Setup and Example Usage: Production Environment
Command Line Management Tool
On MacOS run:
sh -c "$(curl -fsSL https://raw.githubusercontent.com/momacs/localedb/master/setup.sh -O -)"
On Linux run:
sh -c "$(wget -q https://raw.githubusercontent.com/momacs/localedb/master/setup.sh -O -)"
Alternatively, you can run the commands from the setup.sh
script manually.
Production environment: For production deployment, after the installation script above has finished, edit the $HOME/bin/localedb
script and change is_prod=0
to is_prod=1
. This step is left to be done manually to ensure intent.
CLI
After setting up the command line management tool, setup the LocaleDB instance:
$ localedb setup
Initializing data structures... done
Loading locales... done
To display filesystem information, run:
$ localedb info fs
Directory structure
Root /Users/tomek/.localedb 43M
Runtime /Users/tomek/.localedb/rt 0B
PostgreSQL data /Users/tomek/.localedb/pg 43M
Disease data /Users/tomek/.localedb/dl/dis 0B
Geographic data /Users/tomek/.localedb/dl/geo 0B
Population data /Users/tomek/.localedb/dl/pop 0B
To import COVID-19 disease data (currently only dynamics and non-pharmaceutical interventions), run:
$ localedb import dis c19
Disease dynamics
Loading global confirmed... done (11 s)
Loading global deaths... done (14 s)
Loading global recovered... done (12 s)
Loading US confirmed... done (141 s)
Loading US deaths... done (155 s)
Consolidating... done (88 s)
Non-pharmaceutical interventions
Loading Keystone... done (14 s)
To see some basic database statistics, run:
$ localedb info data
Data
Main
Locale count 4153
Country count 188
Disease (c19)
Dynamics
Locale count 3607
Date range 2020-01-22 2020-09-17
Observation count 865680
Observation count per locale 240.00 (SD=0.00)

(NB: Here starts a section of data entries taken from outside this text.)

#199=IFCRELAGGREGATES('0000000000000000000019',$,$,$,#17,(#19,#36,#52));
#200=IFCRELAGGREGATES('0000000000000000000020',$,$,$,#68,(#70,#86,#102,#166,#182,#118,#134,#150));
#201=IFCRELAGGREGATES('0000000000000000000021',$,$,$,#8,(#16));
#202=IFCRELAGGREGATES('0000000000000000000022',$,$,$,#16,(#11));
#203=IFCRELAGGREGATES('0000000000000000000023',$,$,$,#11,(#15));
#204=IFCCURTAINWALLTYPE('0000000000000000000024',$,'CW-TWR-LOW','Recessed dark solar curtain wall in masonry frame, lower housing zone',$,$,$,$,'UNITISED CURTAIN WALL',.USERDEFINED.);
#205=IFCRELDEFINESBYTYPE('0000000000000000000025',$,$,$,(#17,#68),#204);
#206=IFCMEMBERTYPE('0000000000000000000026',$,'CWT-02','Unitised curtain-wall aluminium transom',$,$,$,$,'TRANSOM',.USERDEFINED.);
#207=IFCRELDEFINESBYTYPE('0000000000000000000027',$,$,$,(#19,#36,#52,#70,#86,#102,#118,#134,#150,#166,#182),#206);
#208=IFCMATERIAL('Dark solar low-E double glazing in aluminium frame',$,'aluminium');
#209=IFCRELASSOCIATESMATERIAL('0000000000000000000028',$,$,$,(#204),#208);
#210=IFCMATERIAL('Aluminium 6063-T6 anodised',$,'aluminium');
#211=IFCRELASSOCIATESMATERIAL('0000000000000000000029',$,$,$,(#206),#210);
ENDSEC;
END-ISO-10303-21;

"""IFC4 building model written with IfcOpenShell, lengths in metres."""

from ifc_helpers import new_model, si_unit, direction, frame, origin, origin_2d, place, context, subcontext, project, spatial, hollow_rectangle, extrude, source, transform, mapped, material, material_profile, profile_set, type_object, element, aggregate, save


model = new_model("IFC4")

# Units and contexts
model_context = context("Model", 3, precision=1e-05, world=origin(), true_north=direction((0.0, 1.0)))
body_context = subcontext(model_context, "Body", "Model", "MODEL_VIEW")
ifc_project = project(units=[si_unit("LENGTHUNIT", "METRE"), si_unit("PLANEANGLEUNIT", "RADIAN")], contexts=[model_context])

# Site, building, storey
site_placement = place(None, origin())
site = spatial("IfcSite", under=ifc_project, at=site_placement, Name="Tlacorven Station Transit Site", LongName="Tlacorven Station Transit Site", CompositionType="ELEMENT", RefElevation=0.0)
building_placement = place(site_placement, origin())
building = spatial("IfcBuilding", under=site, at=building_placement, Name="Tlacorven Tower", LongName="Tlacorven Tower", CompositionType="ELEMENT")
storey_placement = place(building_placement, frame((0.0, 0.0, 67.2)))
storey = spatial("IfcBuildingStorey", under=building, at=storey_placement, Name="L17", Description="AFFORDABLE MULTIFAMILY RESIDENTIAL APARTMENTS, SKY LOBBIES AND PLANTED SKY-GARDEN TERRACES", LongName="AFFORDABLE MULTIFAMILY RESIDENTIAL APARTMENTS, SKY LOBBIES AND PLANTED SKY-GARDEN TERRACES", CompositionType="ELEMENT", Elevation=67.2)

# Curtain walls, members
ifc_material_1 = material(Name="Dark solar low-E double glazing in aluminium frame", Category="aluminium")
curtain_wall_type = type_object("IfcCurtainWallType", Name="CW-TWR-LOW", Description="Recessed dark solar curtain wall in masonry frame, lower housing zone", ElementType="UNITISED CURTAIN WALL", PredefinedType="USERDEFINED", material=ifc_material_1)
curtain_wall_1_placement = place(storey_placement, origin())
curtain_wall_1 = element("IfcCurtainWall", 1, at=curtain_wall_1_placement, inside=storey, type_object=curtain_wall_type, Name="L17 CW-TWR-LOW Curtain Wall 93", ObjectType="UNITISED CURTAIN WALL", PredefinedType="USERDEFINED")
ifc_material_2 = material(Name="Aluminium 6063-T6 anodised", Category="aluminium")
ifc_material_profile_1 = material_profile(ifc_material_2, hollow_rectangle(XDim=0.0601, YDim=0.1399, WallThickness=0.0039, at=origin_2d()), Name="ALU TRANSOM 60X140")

Non-pharmaceutical interventions
Locale count 669
Data range 2010-04-27 2020-07-27
NPI count 5162
NPI count per locale 7.72 (SD=1.57)
Count per type
669 school closure
667 closing of public venues
666 non-essential services closure
637 shelter in place
622 gathering size 10 0
582 social distancing
471 religious gatherings banned
406 gathering size 100 26
278 gathering size 500 101
132 gathering size 25 11
32 lockdown
...
To import geographic and cartographic data for the state of Alaska, run:
$ localedb load geo AK
US states done
US counties done
AK tracts done
AK block groups done
AK blocks done
Analyzing database... done
To import health data for the state of Alaska, run:
$ localedb load health AK
To import weather data from 2010 to 2020, run:
$ localedb load weather 2010 2020
To import mobility data for Alaska run:
$ localedb load mobility AK
To import air traffic data for 2019 for flights travelling to Alaska which had more than 25 passengers run:
$ localedb load airtraffic 2019 AK 25
To import synthetic population data, run:
$ localedb load pop AK
AK done
Analyzing database... done
Imported states can be removed like so:
localedb db rm state-geo AK
localedb db rm state-pop AK
localedb db rm state AK # remove all data types
Once data has been imported and the downloaded data files are no longer needed, they can be removed like so:
localedb fs rm-data geo
localedb db rm-data pop
localedb db rm data-all # remove all data files
To stop LocaleDB instance, run:
localedb stop
To uninstall LocaleDB (leaving nothing behind), run:
localedb uninstall
For the list of available commands, run localedb
. For an explanation of each command, run localedb help
. Keep in mind that some commands have subcommands.
References
Data Sources
- COVID-19 Data Repository by the Center for Systems Science and Engineering (CSSE) at Johns Hopkins University
- CDC: Influenza Vaccination Coverage
- County Health Rankings and Roadmaps
- Bureau of Transportation Statistics: Airlines and Airports
- NOAA nClimDiv
- Keystone: COVID-19 Intervention Data
- 2010 U.S. Synthesized Population Dataset
- US Census Bureau: TIGER/Line Shapefiles (2010)
License
This project is licensed under the BSD License.